SE Sebészeti, Transzplantációs és Gasztroenterológiai Klinika tanterme
2026-03-12 14:00:00
Vascular Pathophysiology / Atherosclerosis
Dr. Prohászka Zoltán
Dr. Ferencz Andrea és Dr. Haidegger Tamás
Dr. Banczerowski Péter
Dr. Kertész Gábor
Dr. Harsányi László
Dr. Zaránd Attila
Dr. Kóbori László
This dissertation presented the latest results regarding implementing Augmented and Mixed Reality Head-Mounted Displays in spine surgery, focusing on clinical accuracy, surgeon workload, usability, and benchmarking metrics. Through a systematic review and workload analysis study, AR/MR-HMD systems like xVision or HoloLens-based navigation and guidance demonstrated high pedicle screw placement accuracy (GRS A+B > 98.5%), reduced radiation exposure, and minimal disruption to surgical workflow.

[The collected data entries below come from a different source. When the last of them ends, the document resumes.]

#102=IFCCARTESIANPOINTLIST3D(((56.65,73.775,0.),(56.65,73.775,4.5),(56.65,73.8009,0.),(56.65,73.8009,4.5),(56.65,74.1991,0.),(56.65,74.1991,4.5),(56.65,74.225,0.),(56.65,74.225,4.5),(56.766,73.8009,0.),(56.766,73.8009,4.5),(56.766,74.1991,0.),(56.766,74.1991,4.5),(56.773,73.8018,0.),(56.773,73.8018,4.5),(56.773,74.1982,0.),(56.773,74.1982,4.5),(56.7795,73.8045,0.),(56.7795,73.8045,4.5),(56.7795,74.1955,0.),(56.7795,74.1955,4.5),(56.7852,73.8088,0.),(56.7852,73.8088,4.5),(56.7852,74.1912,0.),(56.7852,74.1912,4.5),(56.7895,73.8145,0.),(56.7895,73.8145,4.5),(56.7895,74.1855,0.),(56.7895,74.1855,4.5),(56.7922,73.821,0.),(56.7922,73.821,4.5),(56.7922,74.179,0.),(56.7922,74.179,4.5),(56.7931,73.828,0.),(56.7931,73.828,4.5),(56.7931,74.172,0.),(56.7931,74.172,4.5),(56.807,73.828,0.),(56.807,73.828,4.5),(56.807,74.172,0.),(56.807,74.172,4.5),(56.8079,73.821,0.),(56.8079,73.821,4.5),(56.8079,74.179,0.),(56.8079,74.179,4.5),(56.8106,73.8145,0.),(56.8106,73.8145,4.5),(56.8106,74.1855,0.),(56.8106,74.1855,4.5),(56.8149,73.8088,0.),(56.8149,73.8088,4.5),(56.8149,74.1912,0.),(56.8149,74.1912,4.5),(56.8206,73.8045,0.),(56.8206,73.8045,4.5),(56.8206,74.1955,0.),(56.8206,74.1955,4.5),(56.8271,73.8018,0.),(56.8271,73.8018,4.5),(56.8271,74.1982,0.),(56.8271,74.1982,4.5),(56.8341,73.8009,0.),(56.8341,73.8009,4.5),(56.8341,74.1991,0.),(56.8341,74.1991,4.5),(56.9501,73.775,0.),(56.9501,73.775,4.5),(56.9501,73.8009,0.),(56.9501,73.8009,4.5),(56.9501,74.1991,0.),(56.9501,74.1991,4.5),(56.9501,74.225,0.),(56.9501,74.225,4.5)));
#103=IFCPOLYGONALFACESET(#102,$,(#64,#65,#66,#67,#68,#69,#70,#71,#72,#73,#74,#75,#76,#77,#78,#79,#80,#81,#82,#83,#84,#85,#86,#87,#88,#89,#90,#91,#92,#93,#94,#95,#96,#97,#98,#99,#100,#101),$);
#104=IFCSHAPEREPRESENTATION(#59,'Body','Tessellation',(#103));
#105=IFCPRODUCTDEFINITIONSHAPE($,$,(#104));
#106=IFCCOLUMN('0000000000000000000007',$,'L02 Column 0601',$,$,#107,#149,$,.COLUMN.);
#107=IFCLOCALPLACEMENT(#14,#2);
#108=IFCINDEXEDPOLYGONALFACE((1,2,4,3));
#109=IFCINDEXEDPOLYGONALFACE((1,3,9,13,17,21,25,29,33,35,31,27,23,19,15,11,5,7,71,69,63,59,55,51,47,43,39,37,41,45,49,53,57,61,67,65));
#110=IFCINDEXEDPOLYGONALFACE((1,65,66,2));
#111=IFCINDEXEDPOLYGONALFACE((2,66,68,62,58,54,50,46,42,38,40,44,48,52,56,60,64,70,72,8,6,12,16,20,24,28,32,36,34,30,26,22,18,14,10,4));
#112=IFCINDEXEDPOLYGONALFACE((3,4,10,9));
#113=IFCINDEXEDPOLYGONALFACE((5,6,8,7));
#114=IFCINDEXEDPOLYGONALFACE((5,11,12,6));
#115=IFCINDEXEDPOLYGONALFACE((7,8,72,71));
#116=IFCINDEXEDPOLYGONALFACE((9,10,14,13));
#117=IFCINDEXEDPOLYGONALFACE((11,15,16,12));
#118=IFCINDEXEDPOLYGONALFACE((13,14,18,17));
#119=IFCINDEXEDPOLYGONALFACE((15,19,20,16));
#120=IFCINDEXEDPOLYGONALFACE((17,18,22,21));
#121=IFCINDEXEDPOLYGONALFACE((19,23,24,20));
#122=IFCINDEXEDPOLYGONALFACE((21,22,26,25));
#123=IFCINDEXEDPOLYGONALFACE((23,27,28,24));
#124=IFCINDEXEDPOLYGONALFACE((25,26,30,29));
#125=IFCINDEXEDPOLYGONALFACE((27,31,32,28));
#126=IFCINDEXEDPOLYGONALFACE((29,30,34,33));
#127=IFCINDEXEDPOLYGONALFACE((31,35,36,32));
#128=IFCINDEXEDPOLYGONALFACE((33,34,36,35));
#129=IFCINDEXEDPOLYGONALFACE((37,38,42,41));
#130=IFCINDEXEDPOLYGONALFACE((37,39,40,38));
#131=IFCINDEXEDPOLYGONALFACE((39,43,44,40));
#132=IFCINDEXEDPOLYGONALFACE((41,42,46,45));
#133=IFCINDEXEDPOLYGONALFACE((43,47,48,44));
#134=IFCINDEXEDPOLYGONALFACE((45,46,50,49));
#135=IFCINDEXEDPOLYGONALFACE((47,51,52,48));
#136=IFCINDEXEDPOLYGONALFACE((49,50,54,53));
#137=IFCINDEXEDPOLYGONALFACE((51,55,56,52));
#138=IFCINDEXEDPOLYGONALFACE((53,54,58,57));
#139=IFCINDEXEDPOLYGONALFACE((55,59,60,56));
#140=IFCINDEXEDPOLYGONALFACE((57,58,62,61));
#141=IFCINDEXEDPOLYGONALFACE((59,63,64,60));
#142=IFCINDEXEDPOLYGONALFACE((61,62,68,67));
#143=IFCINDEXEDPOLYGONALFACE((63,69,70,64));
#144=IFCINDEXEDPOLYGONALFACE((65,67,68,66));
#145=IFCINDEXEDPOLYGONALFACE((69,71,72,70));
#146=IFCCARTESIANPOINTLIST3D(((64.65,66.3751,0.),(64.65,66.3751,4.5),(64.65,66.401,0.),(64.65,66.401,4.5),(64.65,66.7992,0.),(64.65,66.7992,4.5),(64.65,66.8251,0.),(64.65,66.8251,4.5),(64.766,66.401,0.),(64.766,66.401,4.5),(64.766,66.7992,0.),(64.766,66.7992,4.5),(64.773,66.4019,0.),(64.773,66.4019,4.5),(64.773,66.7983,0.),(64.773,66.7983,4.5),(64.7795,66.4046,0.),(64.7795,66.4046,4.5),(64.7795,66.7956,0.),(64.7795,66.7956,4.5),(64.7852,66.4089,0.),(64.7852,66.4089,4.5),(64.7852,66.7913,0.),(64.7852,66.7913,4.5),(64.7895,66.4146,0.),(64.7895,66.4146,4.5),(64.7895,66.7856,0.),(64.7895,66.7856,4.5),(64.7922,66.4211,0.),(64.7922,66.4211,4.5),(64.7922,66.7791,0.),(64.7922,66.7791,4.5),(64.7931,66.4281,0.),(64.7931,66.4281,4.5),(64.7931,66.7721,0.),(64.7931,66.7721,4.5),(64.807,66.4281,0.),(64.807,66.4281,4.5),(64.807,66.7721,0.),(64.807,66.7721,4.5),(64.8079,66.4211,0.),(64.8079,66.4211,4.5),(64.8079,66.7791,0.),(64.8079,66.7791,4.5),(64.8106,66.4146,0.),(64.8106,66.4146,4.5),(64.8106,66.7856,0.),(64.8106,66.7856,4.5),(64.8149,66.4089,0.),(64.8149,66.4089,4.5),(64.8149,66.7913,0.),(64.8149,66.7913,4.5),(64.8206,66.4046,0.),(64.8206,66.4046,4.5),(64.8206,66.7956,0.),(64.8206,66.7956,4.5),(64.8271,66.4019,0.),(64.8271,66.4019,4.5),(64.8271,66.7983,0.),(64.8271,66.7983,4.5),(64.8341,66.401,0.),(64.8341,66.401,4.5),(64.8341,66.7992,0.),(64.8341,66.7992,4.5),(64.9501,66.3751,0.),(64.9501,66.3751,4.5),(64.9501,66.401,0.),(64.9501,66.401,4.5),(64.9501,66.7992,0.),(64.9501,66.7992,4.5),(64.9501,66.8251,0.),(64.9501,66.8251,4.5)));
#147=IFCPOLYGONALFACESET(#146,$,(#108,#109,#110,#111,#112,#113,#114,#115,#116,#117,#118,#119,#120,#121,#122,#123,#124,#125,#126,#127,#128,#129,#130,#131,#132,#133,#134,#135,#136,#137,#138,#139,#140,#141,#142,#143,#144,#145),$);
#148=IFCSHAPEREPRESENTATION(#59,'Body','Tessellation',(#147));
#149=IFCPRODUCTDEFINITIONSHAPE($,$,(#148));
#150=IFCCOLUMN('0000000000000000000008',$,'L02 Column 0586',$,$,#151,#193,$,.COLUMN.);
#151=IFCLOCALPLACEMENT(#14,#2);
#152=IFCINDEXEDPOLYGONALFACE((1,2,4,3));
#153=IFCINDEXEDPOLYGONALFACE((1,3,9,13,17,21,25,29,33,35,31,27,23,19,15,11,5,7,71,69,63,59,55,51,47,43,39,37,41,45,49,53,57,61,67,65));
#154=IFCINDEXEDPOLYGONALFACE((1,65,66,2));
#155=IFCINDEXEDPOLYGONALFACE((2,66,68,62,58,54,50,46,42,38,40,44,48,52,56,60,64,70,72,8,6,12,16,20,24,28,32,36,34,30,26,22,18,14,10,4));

Usability studies using the SURG-TLX framework revealed that AR/MR-HMDs decrease mental demand and distraction, especially among junior surgeons (0–6 years), who reported the lowest overall workload scores. Surgeons in mid (7–15 years) and senior (16+ years) experience groups perceived higher physical and temporal burden, indicating the need for ergonomic refinements and adaptive interfaces. Cross-speciality use further validated the broad applicability of AR/MR-HMDs in digital surgery.
The dissertation also introduced a novel multidimensional 3D benchmarking framework combining accuracy, operative time, and radiation exposure. This was enhanced by a proposed User Satisfaction Score (USS), enabling comprehensive evaluation of surgical navigation systems. Additionally, the research highlighted the underdeveloped field of Situation Awareness in AR/MR-HMD literature and advocated for integrating standardised measurement tools like SAGAT, eye-tracking, or EEG.
Technical benchmarks for clinical-grade AR/MR-HMDs were outlined, recommending features such as a wide field of view, IP65-rated casings, ergonomic design, and seamless OR integration. These findings guide future development, validation, and regulation of AR/MR-HMD platforms in surgery.
In conclusion, AR/MR-HMD systems present a viable, scalable alternative to robotic guidance. They offer ergonomic, cognitive, and cost-efficiency benefits and are particularly beneficial for younger surgeons. With continued development in SA metrics and interface design, AR/MR-HMDs are positioned to become key tools in the future of digital and minimally invasive surgery.